Graffiti Conference Seeks Public's Help

Graffiti conference seeks public's help
S.F. CRIME
Neal J. Riley
Published 4:51 pm, Thursday, January 17, 2013

Graffiti is a more than $20 million-a-year problem in San Francisco, and though city officials put out a call Thursday to eradicate graffiti blight, there's still disagreement on how vandals should be punished.

At the first Zero Graffiti International Conference, hundreds of people from around the world gathered at St. Mary's Cathedral to discuss fighting graffiti and browse products to take spray paint and markers off any surface.

"Graffiti vandalism is a drain on our city's resources, impacting our neighborhoods and quality of life," said George Gascón, San Francisco's district attorney. "We ask the public to help out by reporting graffiti crime."

Split over penalties

Mohammed Nuru, the Department of Public Works director, said his agency takes an average of 3,000 calls a month about graffiti and has seen an increase in tagging on trees and artists' murals.

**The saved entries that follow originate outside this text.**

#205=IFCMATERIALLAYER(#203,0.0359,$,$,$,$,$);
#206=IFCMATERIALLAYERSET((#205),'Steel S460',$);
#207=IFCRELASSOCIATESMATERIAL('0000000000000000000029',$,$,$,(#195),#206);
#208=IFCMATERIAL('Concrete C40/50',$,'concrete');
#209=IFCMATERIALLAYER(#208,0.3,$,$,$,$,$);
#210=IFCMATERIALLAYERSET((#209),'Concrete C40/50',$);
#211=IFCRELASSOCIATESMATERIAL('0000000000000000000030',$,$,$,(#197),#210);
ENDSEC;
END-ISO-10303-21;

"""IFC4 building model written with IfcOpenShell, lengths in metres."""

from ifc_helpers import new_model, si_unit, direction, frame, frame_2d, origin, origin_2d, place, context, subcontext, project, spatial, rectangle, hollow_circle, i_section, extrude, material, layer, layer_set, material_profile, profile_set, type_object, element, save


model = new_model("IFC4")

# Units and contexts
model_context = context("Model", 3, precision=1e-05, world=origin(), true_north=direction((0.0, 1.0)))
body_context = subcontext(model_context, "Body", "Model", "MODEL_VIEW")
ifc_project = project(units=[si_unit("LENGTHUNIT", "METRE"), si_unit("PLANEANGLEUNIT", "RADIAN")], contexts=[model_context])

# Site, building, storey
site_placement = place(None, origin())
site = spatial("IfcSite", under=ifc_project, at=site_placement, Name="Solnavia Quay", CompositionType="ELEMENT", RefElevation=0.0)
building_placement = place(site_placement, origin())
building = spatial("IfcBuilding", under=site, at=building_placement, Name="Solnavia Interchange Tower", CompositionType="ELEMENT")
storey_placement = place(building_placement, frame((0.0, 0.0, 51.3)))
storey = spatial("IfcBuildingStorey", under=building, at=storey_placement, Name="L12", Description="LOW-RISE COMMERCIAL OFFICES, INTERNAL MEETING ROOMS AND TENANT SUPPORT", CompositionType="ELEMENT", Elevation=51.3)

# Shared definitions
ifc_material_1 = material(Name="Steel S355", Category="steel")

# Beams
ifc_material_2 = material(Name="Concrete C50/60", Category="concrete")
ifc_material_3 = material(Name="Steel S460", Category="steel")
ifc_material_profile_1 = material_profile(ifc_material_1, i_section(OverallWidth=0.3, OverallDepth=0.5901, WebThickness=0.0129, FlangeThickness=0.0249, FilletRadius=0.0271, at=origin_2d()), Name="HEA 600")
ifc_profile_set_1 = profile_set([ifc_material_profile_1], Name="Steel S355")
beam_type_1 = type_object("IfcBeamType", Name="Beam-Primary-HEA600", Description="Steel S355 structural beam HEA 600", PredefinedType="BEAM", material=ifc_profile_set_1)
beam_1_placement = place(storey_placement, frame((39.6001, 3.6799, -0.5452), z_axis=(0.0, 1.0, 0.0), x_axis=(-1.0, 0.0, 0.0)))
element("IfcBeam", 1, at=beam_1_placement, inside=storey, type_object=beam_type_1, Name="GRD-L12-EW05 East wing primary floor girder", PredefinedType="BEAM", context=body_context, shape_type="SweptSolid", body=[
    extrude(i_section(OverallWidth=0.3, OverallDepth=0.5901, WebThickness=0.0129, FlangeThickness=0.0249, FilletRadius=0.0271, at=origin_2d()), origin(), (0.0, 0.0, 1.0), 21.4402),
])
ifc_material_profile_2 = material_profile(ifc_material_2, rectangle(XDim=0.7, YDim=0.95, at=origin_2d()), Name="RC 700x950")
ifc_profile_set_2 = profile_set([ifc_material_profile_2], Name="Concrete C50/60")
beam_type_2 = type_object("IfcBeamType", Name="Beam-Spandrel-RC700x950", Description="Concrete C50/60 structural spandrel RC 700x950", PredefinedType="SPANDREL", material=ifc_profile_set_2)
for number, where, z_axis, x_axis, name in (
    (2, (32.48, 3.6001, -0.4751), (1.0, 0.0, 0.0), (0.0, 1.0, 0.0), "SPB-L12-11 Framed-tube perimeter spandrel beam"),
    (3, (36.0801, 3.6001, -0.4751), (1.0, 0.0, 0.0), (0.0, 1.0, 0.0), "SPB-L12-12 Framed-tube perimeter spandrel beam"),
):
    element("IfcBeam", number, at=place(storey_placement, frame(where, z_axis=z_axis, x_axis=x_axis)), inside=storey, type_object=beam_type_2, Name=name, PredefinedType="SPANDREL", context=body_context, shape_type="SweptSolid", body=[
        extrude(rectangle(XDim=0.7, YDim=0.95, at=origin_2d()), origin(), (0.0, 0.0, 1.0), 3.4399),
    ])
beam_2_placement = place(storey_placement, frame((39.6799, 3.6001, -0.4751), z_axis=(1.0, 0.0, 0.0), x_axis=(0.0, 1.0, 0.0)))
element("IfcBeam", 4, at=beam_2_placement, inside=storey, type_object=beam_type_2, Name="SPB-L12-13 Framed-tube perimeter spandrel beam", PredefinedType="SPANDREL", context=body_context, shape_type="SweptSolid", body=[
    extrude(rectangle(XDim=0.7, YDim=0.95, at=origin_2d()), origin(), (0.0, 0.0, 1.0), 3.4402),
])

While his and other officials' public remarks focused on encouraging the public to report graffiti, Nuru said San Francisco judges are too lenient on vandals. He supports changing state law to make it mandatory that fines be issued in graffiti convictions, instead of assigning community service as a substitute.
"Imagine you're a judge and on your docket today you have people who have been involved in murder, domestic violence, and then you have this graffiti tagger," he said. "I don't think we're at a place where judges really understand that this is painful to a community or property owner. It's as painful as many other crimes they see in their court."
Nuru also suggested another state legislative change during his public remarks: requiring commercial truck drivers to show their vehicles are graffiti-free before renewing their registration.

Others, including Gascón, said they don't see harsher punishments as the answer.

"We can certainly increase penalties, but that's not always necessarily a good solution," he said, noting that some graffiti vandalism can be prosecuted as a felony depending on how destructive it is. "There may be some fine-tuning to the law that may be appropriate, but by and large, I think awareness, the community working together and education and prevention are what we really need to do."

According to Officer Martin Ferreira of the San Francisco Police Department Graffiti Abatement Unit, cleaning graffiti quickly is one of the most effective responses.
"A big idea in graffiti culture is they want to stay up on a location for a long period of time," he said. "When you paint over a graffiti vandal quickly, you're not allowing them to gain their notoriety."

Vandals' rivalry

Graffiti vandals are drawn to San Francisco for several reasons, including the bragging rights they might gain on the Internet from tagging such a renowned city, said Larry Stringer, the Department of Public Works' deputy director of operations.

"A post of a tag in San Francisco gives you a certain amount of status," he said.

Stringer favors mandatory fines for graffiti convictions, adding that some repeat offenders enjoy the community service that consists of cleaning up other graffiti because it can mean destroying the work of a rival vandal.

"Community service doesn't seem to be a strong enough deterrent, and they're coming back four or five times," he said.

Redirecting youths

The supervisorial district that includes the Western Addition and the Haight-Ashbury is the city's hardest hit by graffiti, Stringer said. New District Five Supervisor London Breed said she believes young taggers need an outlet and said youths were allowed to transform the walls of the African American Art and Culture Complex, which she ran.
"The best way to try and redirect our young people who are out there vandalizing our community is to give them alternatives to going around and spray-painting all over the place," she said.